# TT Mk3 / R4.



## R5T (Apr 24, 2008)

'Mini R8' is raring to go!
New R4 is coming - and zero-emissions model based on e-tron concept is set to top the range


































Here are the pictures that show Audi is on a real charge when it comes to electric sports cars.

This is the preview of the new R4 - a production version of the stunning electric e-tron concept car, revealed at last month's Frankfurt Motor Show.

The R4 is also likely to spawn petrol-engined versions, giving the R8 a much anticipated smaller brother coupé that sits above the TT in the range.

Wowing crowds with its zero emissions electric powertrain, the e-tron was a big hit at Frankfurt. But only now has Audi of America's president Johan de Nysschen confirmed the Tesla Roadster rival will reach showrooms.

The project is likely to be helped by Audi's joint venture with fellow VW Group firm, Porsche, which will see the R4 share a new chassis with the next-generation Boxster and Cayman.

This new sports car range will feature an electric version at the very top of the line-up, with petrol versions underneath.

As you can see from our illustrations, it will look striking. It mixes the compact, squat proportions of the e-tron concept car with amazing design cues such as those LED C-shaped headlights, along with a trademark Audi grille and scalloped sides. Seen here in targa-topped roadster trim, it will also be available as a coupé and a drop-top.

The new flagship will be powered by a development of the e-tron's electric powertrain. There's a lithium-ion battery pack with four electric motors, two on each axle, giving it a fresh take on Audi's quattro four-wheel-drive theme.

These give an output of around 300bhp, as well as an incredible 4,500Nm of torque, delivering instant acceleration with 0-60mph in 4.8 seconds. Top speed is likely to jump from the concept's 124mph to a more supercar-like 140mph - all with no tailpipe emissions.

As in the concept, the 470kg lithium-ion battery is placed in the middle of the car, where the engine would be.
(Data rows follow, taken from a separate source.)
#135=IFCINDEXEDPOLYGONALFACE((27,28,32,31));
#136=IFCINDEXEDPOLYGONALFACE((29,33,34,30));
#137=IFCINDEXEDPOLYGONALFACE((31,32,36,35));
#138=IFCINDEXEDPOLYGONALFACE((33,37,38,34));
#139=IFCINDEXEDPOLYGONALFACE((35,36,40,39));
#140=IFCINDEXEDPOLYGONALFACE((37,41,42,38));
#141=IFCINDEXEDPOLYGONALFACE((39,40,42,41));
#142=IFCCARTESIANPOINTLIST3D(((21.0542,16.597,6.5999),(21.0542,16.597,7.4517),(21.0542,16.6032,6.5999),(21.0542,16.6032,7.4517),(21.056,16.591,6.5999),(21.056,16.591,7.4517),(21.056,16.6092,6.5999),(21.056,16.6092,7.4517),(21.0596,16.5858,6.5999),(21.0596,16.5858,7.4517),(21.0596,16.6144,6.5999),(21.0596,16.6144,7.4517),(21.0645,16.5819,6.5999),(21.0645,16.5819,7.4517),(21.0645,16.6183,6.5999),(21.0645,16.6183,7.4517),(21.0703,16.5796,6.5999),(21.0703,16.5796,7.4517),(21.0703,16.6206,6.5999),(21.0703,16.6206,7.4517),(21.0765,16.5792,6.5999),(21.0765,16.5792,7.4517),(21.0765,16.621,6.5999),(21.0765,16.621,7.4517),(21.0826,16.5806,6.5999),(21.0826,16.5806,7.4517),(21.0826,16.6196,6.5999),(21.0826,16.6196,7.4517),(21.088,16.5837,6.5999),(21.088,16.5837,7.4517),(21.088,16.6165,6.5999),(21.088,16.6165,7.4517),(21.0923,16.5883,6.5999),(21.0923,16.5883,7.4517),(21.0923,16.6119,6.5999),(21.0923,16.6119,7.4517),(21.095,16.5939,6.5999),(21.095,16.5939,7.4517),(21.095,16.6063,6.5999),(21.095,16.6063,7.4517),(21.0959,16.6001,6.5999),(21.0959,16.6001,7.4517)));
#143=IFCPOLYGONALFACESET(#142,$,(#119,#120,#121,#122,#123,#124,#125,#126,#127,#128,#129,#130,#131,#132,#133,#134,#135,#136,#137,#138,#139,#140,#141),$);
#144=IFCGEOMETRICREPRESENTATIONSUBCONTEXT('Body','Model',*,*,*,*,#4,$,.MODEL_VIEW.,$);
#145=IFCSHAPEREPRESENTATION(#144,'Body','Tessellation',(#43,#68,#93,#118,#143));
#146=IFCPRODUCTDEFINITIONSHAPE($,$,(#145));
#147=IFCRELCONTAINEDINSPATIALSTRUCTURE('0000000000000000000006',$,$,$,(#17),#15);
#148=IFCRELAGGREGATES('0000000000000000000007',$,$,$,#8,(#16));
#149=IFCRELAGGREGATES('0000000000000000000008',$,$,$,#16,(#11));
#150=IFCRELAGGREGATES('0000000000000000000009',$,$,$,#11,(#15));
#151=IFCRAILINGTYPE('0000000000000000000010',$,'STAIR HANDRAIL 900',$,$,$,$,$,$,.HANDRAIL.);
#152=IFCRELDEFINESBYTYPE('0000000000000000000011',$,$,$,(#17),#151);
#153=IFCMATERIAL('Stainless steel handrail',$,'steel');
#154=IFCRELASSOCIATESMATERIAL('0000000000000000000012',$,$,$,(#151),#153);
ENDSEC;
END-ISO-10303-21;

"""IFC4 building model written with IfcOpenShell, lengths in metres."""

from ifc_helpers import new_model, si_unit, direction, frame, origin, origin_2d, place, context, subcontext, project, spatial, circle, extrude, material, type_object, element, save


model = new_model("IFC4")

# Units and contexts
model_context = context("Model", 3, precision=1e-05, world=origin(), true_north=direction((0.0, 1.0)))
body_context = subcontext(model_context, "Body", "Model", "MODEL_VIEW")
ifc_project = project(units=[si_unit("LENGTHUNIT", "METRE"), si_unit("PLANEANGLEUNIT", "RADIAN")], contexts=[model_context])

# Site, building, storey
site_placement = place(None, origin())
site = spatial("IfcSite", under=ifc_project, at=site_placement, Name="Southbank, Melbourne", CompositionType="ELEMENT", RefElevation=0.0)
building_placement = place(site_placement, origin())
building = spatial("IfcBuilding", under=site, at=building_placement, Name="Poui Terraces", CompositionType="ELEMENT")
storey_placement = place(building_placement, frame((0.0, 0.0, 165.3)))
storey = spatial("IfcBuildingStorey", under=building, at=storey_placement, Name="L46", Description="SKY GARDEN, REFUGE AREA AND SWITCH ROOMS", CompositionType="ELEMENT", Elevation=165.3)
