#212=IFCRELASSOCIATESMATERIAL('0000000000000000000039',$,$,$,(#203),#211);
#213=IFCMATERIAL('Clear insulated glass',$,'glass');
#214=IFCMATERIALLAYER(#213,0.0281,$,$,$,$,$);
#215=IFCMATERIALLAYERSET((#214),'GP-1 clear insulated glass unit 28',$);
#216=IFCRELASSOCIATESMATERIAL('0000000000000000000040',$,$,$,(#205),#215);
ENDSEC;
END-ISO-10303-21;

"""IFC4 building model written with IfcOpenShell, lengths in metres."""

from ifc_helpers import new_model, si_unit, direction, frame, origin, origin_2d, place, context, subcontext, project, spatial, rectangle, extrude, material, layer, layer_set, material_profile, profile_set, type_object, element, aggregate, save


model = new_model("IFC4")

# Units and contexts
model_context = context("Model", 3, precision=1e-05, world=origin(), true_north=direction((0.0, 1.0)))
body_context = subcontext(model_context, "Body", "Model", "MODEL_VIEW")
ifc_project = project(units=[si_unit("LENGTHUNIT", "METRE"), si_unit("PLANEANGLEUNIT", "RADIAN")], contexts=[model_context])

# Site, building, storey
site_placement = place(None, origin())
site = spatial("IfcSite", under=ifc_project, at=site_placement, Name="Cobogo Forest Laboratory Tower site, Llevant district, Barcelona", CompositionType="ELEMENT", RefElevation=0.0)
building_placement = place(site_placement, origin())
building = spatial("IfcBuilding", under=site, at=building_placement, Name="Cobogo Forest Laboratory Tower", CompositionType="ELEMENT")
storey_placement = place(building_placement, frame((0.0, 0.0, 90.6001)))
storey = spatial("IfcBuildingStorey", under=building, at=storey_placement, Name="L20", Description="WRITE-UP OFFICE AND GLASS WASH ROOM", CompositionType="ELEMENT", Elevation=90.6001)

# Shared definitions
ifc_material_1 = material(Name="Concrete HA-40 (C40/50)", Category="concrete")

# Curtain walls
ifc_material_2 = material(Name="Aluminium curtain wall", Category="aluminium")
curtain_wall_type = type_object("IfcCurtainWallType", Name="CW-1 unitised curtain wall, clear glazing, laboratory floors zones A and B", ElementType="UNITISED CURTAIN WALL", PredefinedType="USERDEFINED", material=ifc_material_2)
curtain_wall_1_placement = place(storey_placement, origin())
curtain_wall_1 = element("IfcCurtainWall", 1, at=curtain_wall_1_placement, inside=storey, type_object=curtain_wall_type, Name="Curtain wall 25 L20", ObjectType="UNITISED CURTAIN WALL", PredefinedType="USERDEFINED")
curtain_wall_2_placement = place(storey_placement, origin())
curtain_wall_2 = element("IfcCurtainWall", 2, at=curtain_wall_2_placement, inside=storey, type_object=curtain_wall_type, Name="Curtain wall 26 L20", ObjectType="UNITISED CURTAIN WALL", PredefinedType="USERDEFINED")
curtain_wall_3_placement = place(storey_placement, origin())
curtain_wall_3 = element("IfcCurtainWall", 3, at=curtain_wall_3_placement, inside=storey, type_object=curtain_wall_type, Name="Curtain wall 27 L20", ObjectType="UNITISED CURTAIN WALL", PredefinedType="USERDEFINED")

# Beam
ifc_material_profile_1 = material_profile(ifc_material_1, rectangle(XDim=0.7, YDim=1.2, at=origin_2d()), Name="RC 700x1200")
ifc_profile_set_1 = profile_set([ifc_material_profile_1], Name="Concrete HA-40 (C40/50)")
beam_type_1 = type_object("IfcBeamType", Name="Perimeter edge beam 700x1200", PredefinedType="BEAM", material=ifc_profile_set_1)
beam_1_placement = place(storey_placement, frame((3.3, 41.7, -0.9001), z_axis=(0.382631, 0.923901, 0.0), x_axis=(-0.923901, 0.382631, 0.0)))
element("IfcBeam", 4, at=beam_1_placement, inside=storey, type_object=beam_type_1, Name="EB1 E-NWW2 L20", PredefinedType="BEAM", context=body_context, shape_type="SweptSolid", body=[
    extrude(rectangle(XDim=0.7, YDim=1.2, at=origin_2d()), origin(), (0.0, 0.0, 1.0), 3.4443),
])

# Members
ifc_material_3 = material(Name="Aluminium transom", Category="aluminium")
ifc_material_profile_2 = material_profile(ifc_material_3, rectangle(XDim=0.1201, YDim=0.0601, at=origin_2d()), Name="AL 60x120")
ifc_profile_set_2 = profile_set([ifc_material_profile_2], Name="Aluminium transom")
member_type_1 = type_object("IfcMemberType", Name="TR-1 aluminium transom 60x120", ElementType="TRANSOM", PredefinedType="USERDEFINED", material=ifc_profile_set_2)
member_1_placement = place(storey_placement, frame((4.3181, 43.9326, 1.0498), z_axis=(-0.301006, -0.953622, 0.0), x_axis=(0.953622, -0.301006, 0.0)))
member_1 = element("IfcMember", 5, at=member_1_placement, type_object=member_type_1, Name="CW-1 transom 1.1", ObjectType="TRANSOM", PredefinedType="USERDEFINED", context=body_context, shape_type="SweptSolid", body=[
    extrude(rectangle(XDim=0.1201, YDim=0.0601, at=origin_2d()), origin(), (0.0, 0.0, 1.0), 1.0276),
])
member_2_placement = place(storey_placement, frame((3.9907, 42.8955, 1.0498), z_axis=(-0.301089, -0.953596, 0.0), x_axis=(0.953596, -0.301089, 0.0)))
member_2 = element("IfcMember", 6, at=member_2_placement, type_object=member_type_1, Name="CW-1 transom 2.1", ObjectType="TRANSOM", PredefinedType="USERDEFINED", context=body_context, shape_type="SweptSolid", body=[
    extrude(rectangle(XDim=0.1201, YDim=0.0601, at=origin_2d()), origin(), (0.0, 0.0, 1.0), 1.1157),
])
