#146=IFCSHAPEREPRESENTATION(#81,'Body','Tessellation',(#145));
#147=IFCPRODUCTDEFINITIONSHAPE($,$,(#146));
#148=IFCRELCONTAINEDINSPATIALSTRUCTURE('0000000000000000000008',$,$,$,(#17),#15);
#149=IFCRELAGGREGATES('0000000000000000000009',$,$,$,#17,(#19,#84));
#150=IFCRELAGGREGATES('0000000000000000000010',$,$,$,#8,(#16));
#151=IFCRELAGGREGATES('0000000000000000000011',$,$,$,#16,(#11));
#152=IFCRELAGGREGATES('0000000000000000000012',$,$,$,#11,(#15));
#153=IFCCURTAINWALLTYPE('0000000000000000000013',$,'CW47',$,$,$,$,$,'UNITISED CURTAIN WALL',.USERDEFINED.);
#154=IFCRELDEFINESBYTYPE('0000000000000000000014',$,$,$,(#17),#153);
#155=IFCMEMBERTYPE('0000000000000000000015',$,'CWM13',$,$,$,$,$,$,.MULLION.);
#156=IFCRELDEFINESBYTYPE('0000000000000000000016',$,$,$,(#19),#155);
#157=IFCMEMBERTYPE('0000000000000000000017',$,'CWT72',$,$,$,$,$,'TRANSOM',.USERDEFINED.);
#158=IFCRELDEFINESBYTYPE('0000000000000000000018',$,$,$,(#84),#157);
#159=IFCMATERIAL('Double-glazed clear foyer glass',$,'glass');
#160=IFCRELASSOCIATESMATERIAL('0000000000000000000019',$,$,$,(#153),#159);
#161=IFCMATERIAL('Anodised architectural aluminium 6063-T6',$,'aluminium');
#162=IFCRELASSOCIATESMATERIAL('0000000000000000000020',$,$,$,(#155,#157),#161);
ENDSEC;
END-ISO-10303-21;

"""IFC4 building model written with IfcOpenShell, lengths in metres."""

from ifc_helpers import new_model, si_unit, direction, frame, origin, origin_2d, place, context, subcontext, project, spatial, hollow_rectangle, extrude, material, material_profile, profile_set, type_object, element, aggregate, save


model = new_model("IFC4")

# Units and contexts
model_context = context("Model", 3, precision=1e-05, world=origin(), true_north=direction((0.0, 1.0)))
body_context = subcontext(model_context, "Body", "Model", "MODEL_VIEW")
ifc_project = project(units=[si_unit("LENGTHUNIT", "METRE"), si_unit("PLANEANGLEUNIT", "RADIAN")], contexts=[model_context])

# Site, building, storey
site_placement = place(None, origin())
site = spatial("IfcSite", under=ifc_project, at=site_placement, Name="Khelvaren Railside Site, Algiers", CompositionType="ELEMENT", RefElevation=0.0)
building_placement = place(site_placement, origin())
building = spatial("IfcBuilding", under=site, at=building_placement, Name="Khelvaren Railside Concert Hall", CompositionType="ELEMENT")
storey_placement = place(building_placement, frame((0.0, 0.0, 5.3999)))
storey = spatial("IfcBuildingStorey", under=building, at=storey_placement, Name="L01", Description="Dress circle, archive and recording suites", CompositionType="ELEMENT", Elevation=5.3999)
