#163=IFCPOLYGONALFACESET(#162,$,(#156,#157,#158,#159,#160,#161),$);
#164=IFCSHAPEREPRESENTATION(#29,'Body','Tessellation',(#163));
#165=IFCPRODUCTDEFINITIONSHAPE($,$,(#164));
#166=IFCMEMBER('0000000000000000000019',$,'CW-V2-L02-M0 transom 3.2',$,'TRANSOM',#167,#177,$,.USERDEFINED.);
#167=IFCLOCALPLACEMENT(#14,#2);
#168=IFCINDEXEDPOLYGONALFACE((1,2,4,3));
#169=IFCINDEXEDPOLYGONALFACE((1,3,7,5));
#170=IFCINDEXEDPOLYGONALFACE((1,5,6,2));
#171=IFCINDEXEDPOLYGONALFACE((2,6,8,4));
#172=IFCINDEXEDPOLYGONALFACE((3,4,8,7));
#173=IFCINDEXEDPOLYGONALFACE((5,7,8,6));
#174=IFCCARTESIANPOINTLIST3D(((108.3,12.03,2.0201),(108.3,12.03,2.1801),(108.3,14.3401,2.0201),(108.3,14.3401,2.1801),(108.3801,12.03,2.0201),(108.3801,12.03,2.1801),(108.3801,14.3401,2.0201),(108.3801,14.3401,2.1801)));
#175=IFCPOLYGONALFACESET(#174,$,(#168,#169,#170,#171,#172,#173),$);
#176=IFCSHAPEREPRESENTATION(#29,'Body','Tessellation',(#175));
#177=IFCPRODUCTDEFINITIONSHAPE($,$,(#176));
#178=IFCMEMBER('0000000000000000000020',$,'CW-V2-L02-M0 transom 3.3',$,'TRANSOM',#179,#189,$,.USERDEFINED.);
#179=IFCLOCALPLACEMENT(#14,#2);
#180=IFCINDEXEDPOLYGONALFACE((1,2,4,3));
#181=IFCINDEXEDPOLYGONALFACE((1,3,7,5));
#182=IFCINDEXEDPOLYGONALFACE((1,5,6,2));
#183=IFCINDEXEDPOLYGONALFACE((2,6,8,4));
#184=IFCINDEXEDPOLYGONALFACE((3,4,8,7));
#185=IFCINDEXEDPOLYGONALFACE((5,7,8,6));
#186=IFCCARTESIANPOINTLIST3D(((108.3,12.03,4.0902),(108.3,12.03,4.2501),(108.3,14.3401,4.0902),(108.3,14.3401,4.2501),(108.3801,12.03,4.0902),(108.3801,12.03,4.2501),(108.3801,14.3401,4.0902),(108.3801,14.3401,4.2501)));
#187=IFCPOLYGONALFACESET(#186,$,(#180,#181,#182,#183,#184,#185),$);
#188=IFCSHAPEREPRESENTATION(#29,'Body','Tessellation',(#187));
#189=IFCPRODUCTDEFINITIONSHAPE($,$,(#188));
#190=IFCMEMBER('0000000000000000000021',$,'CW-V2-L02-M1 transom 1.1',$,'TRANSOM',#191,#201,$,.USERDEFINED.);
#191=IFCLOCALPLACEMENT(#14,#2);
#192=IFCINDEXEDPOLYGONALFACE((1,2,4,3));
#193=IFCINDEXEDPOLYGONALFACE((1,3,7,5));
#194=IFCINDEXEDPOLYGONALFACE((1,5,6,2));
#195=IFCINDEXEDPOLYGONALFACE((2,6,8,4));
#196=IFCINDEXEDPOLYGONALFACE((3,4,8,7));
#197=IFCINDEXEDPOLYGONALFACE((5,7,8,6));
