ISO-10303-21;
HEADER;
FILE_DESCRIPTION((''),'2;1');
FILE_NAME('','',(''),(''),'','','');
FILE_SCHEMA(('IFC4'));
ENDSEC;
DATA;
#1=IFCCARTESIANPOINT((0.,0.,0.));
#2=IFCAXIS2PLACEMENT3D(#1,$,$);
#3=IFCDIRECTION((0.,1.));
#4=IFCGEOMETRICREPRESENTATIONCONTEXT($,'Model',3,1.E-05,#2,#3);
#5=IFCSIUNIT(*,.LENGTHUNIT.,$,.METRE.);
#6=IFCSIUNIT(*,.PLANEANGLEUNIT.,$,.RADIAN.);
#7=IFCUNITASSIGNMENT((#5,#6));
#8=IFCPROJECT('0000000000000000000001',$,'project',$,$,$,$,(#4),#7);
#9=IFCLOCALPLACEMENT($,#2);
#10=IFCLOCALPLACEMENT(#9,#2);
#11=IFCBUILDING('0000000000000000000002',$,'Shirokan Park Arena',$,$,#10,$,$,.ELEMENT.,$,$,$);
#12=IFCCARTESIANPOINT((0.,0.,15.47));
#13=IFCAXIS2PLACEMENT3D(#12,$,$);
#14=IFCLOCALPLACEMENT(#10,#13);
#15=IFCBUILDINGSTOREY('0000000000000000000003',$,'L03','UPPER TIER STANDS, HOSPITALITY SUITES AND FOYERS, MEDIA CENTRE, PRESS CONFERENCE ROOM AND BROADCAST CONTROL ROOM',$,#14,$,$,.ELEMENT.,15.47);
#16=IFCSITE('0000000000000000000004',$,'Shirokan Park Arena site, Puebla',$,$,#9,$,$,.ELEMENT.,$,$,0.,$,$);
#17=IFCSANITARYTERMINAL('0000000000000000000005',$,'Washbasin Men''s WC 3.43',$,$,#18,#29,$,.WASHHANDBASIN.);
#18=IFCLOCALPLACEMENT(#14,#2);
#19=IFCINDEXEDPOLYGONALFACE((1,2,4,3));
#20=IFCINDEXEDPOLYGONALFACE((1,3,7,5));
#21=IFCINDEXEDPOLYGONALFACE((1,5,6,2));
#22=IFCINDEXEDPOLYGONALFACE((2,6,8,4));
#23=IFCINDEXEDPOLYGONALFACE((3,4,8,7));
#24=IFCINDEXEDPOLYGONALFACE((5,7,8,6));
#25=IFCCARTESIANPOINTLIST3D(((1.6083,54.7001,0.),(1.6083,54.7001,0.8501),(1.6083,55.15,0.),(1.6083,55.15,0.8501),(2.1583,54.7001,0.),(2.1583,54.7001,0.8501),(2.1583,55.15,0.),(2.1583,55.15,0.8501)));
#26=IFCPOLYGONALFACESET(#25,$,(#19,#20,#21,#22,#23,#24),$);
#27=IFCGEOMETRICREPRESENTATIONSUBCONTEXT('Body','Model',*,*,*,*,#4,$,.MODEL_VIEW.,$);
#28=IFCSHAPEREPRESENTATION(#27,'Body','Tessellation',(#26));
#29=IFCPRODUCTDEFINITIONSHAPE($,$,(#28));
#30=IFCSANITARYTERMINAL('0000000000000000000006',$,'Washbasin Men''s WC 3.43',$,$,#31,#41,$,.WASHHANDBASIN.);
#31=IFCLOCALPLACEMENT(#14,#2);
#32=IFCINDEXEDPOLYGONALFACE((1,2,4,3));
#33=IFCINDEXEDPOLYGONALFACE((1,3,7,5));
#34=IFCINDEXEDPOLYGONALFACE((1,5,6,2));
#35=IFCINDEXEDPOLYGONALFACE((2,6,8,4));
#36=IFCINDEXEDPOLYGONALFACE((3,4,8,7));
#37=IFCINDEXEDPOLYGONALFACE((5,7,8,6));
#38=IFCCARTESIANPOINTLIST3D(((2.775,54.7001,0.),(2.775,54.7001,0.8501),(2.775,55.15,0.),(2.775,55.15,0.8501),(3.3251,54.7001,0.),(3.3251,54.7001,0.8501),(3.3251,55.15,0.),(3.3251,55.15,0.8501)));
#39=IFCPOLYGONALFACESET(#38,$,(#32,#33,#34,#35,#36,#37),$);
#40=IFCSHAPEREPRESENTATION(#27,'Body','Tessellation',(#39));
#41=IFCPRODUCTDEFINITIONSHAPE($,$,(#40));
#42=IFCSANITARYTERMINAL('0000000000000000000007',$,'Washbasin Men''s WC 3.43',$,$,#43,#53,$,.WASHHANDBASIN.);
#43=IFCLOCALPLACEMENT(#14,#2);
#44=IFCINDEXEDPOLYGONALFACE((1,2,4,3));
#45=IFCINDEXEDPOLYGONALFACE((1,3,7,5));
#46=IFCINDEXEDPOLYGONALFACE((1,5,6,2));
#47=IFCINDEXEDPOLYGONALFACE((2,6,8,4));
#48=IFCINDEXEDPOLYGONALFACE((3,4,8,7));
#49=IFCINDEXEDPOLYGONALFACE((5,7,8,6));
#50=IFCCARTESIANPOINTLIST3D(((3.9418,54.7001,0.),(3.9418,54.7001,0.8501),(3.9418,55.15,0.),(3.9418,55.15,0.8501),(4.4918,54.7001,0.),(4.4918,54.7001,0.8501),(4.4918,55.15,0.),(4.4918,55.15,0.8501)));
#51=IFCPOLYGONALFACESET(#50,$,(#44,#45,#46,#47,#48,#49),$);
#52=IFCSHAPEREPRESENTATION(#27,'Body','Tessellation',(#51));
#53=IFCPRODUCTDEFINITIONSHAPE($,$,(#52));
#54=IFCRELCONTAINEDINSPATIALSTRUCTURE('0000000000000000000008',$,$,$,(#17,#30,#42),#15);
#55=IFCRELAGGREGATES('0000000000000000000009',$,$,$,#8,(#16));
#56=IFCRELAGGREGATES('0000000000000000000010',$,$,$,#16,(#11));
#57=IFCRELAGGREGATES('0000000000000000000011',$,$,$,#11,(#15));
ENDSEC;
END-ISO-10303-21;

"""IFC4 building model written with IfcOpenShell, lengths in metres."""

from ifc_helpers import new_model, si_unit, direction, frame, origin, origin_2d, place, context, subcontext, project, spatial, rectangle, extrude, element, save


model = new_model("IFC4")

# Units and contexts
model_context = context("Model", 3, precision=1e-05, world=origin(), true_north=direction((0.0, 1.0)))
body_context = subcontext(model_context, "Body", "Model", "MODEL_VIEW")
ifc_project = project(units=[si_unit("LENGTHUNIT", "METRE"), si_unit("PLANEANGLEUNIT", "RADIAN")], contexts=[model_context])

# Site, building, storey
site_placement = place(None, origin())
site = spatial("IfcSite", under=ifc_project, at=site_placement, Name="Shirokan Park Arena site, Puebla", CompositionType="ELEMENT", RefElevation=0.0)
building_placement = place(site_placement, origin())
building = spatial("IfcBuilding", under=site, at=building_placement, Name="Shirokan Park Arena", CompositionType="ELEMENT")
storey_placement = place(building_placement, frame((0.0, 0.0, 15.47)))
storey = spatial("IfcBuildingStorey", under=building, at=storey_placement, Name="L03", Description="UPPER TIER STANDS, HOSPITALITY SUITES AND FOYERS, MEDIA CENTRE, PRESS CONFERENCE ROOM AND BROADCAST CONTROL ROOM", CompositionType="ELEMENT", Elevation=15.47)

# Sanitary terminals
for number, where, z_axis, x_axis, name in (
    (1, (1.8833, 54.925, 0.0), (0.0, 0.0, 1.0), (1.0, 0.0, 0.0), "Washbasin Men's WC 3.43"),
    (2, (3.05, 54.925, 0.0), (0.0, 0.0, 1.0), (1.0, 0.0, 0.0), "Washbasin Men's WC 3.43"),
    (3, (4.2168, 54.925, 0.0), (0.0, 0.0, 1.0), (1.0, 0.0, 0.0), "Washbasin Men's WC 3.43"),
):
    element("IfcSanitaryTerminal", number, at=place(storey_placement, frame(where, z_axis=z_axis, x_axis=x_axis)), inside=storey, Name=name, PredefinedType="WASHHANDBASIN", context=body_context, shape_type="SweptSolid", body=[
        extrude(rectangle(XDim=0.55, YDim=0.45, at=origin_2d()), origin(), (0.0, 0.0, 1.0), 0.8501),
    ])

save(model, "model.ifc")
Once fully charged, it promises to deliver a range of about 155 miles.

Drive is biased towards the rear - just like the R8 - and the chassis is a new aluminium spaceframe set-up with plastic body panels to keep weight down to around 1,500kg.

De Nysschen said he expects to see prototypes on the road within two years, so showroom-ready versions could arrive in 2012. That gives Audi time to refine the electric powertrain and decide whether it wants to lease batteries to customers - as Renault is planning - or include them in the price of the car.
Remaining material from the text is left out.